Francamente, eu estou pasmo. Parece provável que a UFRR está utilizando filtros primitivos de palavras-chave do tipo normalmente considerado restritivo e censurável demais até para escolas primárias e bibliotecas públicas. O bloqueio da palavra “Guyana” parece vir de “guy,” que sugere que um filtro genérico anti-pornográfico tem sido aplicado. Marcos me disse que alguns “blogs”—uma categoria muito ampla, tecnicamente e em termos de gênero—foram bloqueados (numa maneira “aleatória”) porque “nem todos utilizam e/ou visitam os blogs para os mesmos fins.” Eu tenho que supor que o meu site foi bloqueado porque 1) contem o verbete “blog” no URL e 2) porque alguém (eu) o acessou e seu nome apareceu nos arquivos. Com certeza não foi fonte de vírus ou spam. Ele veementemente nega que essas práticas se caracterizem como censura, mas eu sinceramente não vejo a distinção. Se são aleatórias, ficam pior ainda porque não têm a mínima chance de alcançar eficácia. Para uma universidade que não tem muitos recursos dificultar o amplo uso de um dos recursos mais valiosos que podia-se oferecer à comunidade universitária—uma conexão de banda larga à Internet—é lamentável.
Como pesquisador de comunidades na Internet entre outros interesses, e com experiências em diversas instituições que precisam lidar com abusos das redes, eu conheço muito bem o desejo de equipes de apoio de fechar “sua” rede até o máximo possível para facilitar os seus valentes esforços para manter a rede e os computadores em bom estado. Essa tirania dos setores de apoio técnico tem de ser contrabalançada com a liberdade de acesso que justifica o preço da manutenção, algo que não vejo na UFRR. Acho muito difícil que essas políticas tenham sido discutidas e aprovadas pelos que são atingidos pelas mesmas.
Para resolver o problema, gostaria de sugerir as seguintes medidas:
1) atualizar os sistemas operadores e proteção anti-vírus nos computadores da Universidade e exigir seu uso,
2) atualizar filtros contra spam nos servidores de email e ensinar os usuários em ajustá-los ao gosto,
3) punir usuários que conscientemente acessam sites pornográficos ou ofensivos em computadores nos laboratórios públicos,
4) exigir que alunos e talvez todos efetuem um login com identidade confirmada para garantir o cumprimento das leis federais e as políticas da UFRREnfim, a Universidade deve procurar impedir contaminação de vírus e spam e punir comportamentos abusivos em vez de bloquear de maneira tão bruta largos espaços da Net a todo o mundo, medidas que não só são censuráveis, anti-democráticas, e inimigas das missões básicas de qualquer instituição de ensino superior (“expandir e democratizar o acesso ao conhecimento”) mas também perdidamente ineficazes.
Agradeço a sua atenção.
Respeitosamente,
John M. Norvell
Professor Visitante, Departmento de Antropologia
Now, agora, the English:
November 14, 2006Magnífico Reitor
Dr.
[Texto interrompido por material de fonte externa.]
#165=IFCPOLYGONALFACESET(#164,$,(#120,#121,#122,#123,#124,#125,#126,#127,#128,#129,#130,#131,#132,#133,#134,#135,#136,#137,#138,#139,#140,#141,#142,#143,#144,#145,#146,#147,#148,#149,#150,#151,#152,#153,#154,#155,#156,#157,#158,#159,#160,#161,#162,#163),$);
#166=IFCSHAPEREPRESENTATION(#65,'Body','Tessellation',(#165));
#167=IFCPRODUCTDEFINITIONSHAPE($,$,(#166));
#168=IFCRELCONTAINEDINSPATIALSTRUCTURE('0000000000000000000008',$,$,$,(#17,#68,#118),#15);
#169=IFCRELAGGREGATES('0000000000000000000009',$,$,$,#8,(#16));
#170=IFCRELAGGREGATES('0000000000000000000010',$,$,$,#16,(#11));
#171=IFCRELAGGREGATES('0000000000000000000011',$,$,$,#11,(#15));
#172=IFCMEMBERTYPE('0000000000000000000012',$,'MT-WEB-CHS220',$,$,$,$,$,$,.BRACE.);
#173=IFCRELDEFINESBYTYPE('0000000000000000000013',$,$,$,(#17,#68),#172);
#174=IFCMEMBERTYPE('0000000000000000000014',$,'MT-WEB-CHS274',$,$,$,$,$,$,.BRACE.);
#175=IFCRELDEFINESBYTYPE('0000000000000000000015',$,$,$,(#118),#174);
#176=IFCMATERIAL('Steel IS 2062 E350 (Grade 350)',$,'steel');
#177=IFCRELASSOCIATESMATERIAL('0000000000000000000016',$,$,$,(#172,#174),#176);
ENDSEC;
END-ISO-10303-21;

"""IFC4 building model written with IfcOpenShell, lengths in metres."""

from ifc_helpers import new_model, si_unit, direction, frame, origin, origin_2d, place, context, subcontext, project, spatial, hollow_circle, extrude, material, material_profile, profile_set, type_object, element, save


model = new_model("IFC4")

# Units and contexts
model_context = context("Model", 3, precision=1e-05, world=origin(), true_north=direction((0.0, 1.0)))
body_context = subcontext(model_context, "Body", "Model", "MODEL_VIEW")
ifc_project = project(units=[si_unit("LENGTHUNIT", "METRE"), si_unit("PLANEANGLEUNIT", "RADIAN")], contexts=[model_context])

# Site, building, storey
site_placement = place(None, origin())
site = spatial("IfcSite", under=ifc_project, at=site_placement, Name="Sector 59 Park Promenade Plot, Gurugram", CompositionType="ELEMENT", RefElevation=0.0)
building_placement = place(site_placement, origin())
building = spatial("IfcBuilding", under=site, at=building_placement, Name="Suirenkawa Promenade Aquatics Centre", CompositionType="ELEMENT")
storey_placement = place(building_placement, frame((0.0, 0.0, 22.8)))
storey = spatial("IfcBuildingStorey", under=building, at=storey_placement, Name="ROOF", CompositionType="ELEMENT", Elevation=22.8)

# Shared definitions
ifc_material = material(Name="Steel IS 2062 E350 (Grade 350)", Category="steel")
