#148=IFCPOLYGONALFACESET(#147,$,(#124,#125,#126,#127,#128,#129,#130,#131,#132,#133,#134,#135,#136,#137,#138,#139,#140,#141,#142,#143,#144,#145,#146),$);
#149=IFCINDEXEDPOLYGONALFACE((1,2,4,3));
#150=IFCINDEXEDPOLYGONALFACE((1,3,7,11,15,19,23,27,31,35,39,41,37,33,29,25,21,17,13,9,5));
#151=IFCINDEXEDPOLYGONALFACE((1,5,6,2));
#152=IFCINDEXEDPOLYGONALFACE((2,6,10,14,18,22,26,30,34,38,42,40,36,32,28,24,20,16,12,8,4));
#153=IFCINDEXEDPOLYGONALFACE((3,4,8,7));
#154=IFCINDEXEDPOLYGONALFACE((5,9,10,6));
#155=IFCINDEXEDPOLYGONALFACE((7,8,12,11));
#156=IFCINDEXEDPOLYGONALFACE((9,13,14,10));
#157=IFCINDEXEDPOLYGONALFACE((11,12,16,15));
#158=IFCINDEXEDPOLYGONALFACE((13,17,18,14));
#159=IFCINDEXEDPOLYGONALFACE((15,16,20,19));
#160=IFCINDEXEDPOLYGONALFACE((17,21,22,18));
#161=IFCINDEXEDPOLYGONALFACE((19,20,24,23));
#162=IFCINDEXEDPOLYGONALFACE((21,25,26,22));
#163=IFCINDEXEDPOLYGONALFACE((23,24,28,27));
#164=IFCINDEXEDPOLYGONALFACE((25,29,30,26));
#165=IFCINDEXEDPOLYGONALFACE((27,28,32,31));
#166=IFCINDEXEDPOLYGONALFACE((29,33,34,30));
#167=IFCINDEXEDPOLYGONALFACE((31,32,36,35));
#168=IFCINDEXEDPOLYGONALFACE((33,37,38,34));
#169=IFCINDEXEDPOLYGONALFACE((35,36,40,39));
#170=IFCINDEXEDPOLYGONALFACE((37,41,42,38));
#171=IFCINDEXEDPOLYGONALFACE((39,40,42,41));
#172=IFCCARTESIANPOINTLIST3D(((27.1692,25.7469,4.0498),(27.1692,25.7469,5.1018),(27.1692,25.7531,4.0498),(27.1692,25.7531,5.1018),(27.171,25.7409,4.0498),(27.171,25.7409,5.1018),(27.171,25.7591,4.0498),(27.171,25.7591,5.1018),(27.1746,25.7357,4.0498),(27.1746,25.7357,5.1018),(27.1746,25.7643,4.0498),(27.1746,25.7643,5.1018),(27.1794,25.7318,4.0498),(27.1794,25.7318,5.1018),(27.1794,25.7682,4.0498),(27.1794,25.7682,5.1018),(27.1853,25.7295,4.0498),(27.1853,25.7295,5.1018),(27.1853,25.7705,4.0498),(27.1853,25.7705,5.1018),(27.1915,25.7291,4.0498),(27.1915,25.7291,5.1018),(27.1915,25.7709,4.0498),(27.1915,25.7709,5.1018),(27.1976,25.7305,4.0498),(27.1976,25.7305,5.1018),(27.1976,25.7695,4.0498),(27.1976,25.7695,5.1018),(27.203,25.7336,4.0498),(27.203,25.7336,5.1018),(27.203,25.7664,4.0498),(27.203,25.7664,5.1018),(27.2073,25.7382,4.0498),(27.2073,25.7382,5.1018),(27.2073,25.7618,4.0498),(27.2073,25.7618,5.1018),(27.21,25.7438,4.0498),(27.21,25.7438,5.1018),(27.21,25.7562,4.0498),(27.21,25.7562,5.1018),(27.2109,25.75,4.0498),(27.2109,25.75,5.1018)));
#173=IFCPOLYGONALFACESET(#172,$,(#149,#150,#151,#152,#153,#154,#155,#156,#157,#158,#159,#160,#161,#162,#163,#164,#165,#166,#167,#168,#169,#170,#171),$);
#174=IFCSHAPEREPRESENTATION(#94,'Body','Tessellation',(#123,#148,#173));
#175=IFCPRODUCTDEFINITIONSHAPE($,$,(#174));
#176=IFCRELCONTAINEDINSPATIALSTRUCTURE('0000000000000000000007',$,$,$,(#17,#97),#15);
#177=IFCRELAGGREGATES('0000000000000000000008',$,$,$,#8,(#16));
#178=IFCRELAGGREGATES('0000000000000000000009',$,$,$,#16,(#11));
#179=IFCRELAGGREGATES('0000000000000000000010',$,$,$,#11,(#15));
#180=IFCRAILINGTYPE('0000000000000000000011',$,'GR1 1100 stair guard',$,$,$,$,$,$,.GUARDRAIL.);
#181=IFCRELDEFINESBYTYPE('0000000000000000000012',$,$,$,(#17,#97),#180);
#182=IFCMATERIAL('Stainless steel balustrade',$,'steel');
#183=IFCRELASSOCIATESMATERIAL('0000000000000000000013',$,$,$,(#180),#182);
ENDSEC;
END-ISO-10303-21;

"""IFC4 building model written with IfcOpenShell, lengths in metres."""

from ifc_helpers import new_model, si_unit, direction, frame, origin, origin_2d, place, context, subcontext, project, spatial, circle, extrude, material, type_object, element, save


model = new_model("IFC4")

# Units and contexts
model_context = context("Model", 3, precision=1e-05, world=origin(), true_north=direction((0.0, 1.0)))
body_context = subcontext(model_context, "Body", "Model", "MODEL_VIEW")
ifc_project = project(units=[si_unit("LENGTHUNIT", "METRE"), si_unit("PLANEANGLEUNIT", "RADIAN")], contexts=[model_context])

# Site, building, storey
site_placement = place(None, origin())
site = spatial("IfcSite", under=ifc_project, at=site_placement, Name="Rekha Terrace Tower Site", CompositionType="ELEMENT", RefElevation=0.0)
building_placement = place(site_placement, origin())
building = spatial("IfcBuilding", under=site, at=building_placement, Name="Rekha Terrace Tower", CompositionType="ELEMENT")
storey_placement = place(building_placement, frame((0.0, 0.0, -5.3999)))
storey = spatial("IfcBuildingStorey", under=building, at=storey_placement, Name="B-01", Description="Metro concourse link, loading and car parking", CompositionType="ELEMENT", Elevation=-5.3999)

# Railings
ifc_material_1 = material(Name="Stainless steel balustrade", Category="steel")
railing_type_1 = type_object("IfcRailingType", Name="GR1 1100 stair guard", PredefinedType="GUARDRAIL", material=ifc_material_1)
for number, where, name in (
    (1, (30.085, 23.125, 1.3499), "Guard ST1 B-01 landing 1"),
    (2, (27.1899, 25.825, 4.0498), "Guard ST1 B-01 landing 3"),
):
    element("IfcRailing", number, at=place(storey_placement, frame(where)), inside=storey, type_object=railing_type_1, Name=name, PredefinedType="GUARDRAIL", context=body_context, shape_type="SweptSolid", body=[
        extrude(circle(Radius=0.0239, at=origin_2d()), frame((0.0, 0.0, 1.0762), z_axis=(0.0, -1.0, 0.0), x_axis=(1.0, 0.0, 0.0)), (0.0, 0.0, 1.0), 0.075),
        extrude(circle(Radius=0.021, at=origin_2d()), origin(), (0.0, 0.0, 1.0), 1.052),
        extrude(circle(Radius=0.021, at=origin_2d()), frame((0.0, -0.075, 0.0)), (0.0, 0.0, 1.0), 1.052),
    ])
Roberto Ramos Santos
Reitoria, Bloco IV
UFRR
Dear Reitor:I recently purchased a UFRR-published book, and noted the inspiring motto of the Editora on the bookmark: “Expandir e democratizar o acesso ao conhecimento.” It’s a shame that the computer access policies fail so spectacularly to meet this goal.
I saw my first “access prohibited” screen when I was invited by a student to join the UFRR Ciência Sociais Orkut group and tried to do so from a University computer. Given the high levels of anxiety about Orkut in Brazil, I was not too surprised to find Orkut blocked. It was not long, however, before I ran into blocked pages that more directly impacted my scholarly activities and were less easily explicable. First, after several months of free access, I discovered that I was not allowed to connect to the blog site that I administer (Anthroblogs.org). This site hosts twelve blogs by professional or student anthropologists who blog on academic topics. Upon my request Marcos Perreira unblocked access to this site from the NUHSA computers that I normally use, but I complained that UFRR social science faculty and students would not have access to this and other similar sites potentially relevant to their studies. Next, in the course of research on my Fulbright research project on urban Indians, I discovered that I could not access any site with “Guyana” or “Guyane” in the URL. These are, of course, the names in English and French of Guyana, Roraima’s closest international neighbor and home to several Indian groups whose traditional territory spans the border. Included in this blockage are Google or Yahoo searches for these terms. Again, Marcos again offered to unblock whatever sites I needed, but in this case how can I know what I need without the ability the search freely?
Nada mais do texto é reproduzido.